Merge Sort is a popular divide-and-conquer sorting algorithm that efficiently sorts an array by recursively dividing it into two halves, sorting each half, and then merging the sorted halves to produce the final sorted array.
Bitonic Sort is an efficient parallel sorting algorithm that requires the input size to be a power of 2. It is based on the concept of bitonic sequences, which are sequences that first monotonically increase and then monotonically decrease or vice versa. The algorithm recursively builds a bitonic sequence, and then repeatedly merges bitonic sequences to achieve sorting.
The project contains the following implementations:
-
CPU Merge Sort: This is a traditional CPU-based implementation of the Merge Sort algorithm using a recursive approach.
-
GPU Merge Sort: The GPU version of Merge Sort that uses CUDA to achieve parallelism. It utilizes CUDA kernels to perform sorting operations on the GPU.
-
CPU Bitonic Sort: A CPU-based implementation of the Bitonic Sort algorithm. It requires the input size to be a power of 2.
-
GPU Bitonic Sort: The GPU version of Bitonic Sort that takes advantage of CUDA parallelism. Like the GPU Merge Sort, it uses CUDA kernels for sorting on the GPU.
The performance comparison section presents benchmark results of the CPU and GPU implementations for both Merge Sort and Bitonic Sort. It measures the execution time for each approach and demonstrates the potential speedup gained by using CUDA on compatible GPUs.
To run this project, you need the following:
- A compatible NVIDIA GPU with CUDA support.
- NVIDIA CUDA Toolkit installed on your system.
- C++ compiler with CUDA support (e.g., NVCC).
- Clone or download the project repository to your local machine.
- Ensure you have met the requirements mentioned in the previous section.
- Compile the source files using the appropriate C++ compiler with CUDA support.
- Run the compiled executable to sort arrays using either Merge Sort or Bitonic Sort.

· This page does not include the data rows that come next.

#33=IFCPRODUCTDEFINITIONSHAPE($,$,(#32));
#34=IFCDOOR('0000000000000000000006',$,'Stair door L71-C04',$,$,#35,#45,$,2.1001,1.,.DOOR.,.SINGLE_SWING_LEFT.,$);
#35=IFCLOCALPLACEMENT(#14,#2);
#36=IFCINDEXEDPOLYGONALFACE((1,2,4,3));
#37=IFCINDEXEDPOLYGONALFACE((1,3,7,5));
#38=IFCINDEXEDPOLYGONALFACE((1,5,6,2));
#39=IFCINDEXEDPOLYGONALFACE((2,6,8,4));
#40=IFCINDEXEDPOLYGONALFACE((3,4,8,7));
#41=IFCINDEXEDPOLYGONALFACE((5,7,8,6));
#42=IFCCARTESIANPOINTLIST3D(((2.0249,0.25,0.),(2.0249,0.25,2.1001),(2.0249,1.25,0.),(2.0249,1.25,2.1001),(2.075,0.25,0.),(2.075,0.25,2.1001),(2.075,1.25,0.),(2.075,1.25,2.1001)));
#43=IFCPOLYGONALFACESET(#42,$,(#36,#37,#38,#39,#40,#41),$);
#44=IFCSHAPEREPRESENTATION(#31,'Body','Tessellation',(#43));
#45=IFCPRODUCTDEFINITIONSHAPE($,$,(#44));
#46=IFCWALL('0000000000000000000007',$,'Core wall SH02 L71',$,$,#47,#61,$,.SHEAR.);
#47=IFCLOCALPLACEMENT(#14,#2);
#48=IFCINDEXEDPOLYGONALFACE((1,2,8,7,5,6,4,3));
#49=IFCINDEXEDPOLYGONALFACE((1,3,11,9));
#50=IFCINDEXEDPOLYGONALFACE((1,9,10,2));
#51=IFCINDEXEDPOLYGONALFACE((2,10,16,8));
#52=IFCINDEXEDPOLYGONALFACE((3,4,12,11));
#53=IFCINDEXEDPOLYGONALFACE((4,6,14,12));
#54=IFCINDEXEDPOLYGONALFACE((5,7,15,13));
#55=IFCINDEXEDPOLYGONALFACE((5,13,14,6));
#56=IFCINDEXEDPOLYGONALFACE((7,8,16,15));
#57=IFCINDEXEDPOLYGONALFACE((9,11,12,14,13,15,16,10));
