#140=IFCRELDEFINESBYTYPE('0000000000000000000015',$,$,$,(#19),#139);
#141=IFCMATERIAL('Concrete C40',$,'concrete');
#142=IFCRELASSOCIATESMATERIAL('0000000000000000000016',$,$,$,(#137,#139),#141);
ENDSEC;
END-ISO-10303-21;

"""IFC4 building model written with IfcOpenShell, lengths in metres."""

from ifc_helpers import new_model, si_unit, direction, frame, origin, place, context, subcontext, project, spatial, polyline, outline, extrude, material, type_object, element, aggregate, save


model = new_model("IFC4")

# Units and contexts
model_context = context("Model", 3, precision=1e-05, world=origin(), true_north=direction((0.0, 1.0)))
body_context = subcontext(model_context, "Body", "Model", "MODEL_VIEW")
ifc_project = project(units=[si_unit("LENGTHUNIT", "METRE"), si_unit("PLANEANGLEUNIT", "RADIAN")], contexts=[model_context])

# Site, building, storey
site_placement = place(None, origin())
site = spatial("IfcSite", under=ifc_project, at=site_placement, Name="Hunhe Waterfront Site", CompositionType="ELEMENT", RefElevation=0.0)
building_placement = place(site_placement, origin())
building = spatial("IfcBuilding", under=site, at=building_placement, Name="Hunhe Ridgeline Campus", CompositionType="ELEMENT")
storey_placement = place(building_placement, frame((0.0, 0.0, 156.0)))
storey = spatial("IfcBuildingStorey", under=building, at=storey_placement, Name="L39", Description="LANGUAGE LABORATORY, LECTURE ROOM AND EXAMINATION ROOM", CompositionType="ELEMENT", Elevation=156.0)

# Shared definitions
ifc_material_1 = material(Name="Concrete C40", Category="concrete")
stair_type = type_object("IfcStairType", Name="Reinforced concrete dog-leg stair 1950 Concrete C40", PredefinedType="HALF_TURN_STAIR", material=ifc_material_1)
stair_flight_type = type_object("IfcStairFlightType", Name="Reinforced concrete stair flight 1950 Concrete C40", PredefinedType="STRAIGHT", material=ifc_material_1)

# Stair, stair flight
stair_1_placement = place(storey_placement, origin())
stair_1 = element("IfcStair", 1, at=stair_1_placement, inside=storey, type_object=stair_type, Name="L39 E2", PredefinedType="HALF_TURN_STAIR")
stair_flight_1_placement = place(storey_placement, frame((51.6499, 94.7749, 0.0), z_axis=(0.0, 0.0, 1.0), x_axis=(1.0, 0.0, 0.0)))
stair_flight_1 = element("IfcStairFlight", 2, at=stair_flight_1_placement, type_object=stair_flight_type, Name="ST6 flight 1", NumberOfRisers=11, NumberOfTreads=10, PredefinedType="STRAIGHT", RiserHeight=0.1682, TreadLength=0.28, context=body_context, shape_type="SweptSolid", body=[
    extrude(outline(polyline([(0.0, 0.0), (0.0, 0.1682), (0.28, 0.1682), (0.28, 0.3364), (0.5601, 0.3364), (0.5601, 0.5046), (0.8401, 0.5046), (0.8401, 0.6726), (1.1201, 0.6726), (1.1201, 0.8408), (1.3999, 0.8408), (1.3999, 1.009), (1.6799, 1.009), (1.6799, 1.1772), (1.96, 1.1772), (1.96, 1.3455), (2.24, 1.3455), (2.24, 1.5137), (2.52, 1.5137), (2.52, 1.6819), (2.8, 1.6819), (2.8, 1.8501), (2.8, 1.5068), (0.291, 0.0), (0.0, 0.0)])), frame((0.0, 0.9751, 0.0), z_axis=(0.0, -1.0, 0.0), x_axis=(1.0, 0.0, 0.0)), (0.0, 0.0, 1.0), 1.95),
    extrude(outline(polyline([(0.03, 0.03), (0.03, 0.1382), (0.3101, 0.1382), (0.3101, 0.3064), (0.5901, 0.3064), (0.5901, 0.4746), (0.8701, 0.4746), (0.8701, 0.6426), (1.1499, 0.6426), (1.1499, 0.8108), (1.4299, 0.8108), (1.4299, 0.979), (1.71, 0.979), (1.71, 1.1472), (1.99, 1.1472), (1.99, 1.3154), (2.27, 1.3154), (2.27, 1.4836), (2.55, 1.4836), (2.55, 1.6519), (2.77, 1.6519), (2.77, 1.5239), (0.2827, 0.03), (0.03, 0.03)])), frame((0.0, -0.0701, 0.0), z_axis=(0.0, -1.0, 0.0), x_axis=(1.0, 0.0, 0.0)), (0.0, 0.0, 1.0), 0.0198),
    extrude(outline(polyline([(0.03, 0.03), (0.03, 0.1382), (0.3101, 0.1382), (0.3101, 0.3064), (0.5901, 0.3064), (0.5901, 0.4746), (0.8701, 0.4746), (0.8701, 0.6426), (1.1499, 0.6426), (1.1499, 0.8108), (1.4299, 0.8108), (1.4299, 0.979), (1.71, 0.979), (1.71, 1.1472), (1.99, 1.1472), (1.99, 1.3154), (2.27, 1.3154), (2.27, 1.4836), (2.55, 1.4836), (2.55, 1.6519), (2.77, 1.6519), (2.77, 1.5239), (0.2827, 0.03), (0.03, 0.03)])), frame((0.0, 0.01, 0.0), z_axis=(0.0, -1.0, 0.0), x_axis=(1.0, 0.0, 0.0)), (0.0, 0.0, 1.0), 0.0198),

- The program will provide sorted arrays and performance timings for both CPU and GPU implementations.
Contributions to this project are welcome. If you find any issues or have improvements to suggest, feel free to open an issue or create a pull request.
This project is licensed under the MIT License. You are free to use, modify, and distribute the code as per the terms of the license.
Testing the inputs and Merge Sort with a Small Array Testing Bitonic Sort with a Small Array Merge Sort CPU vs GPU performance for a large Array Bitonic Sort CPU vs GPU performance for a large Array.
Clearly Bitonic Sort performs well in a Parallel Computation while Merge Sort performs well in a linear computation.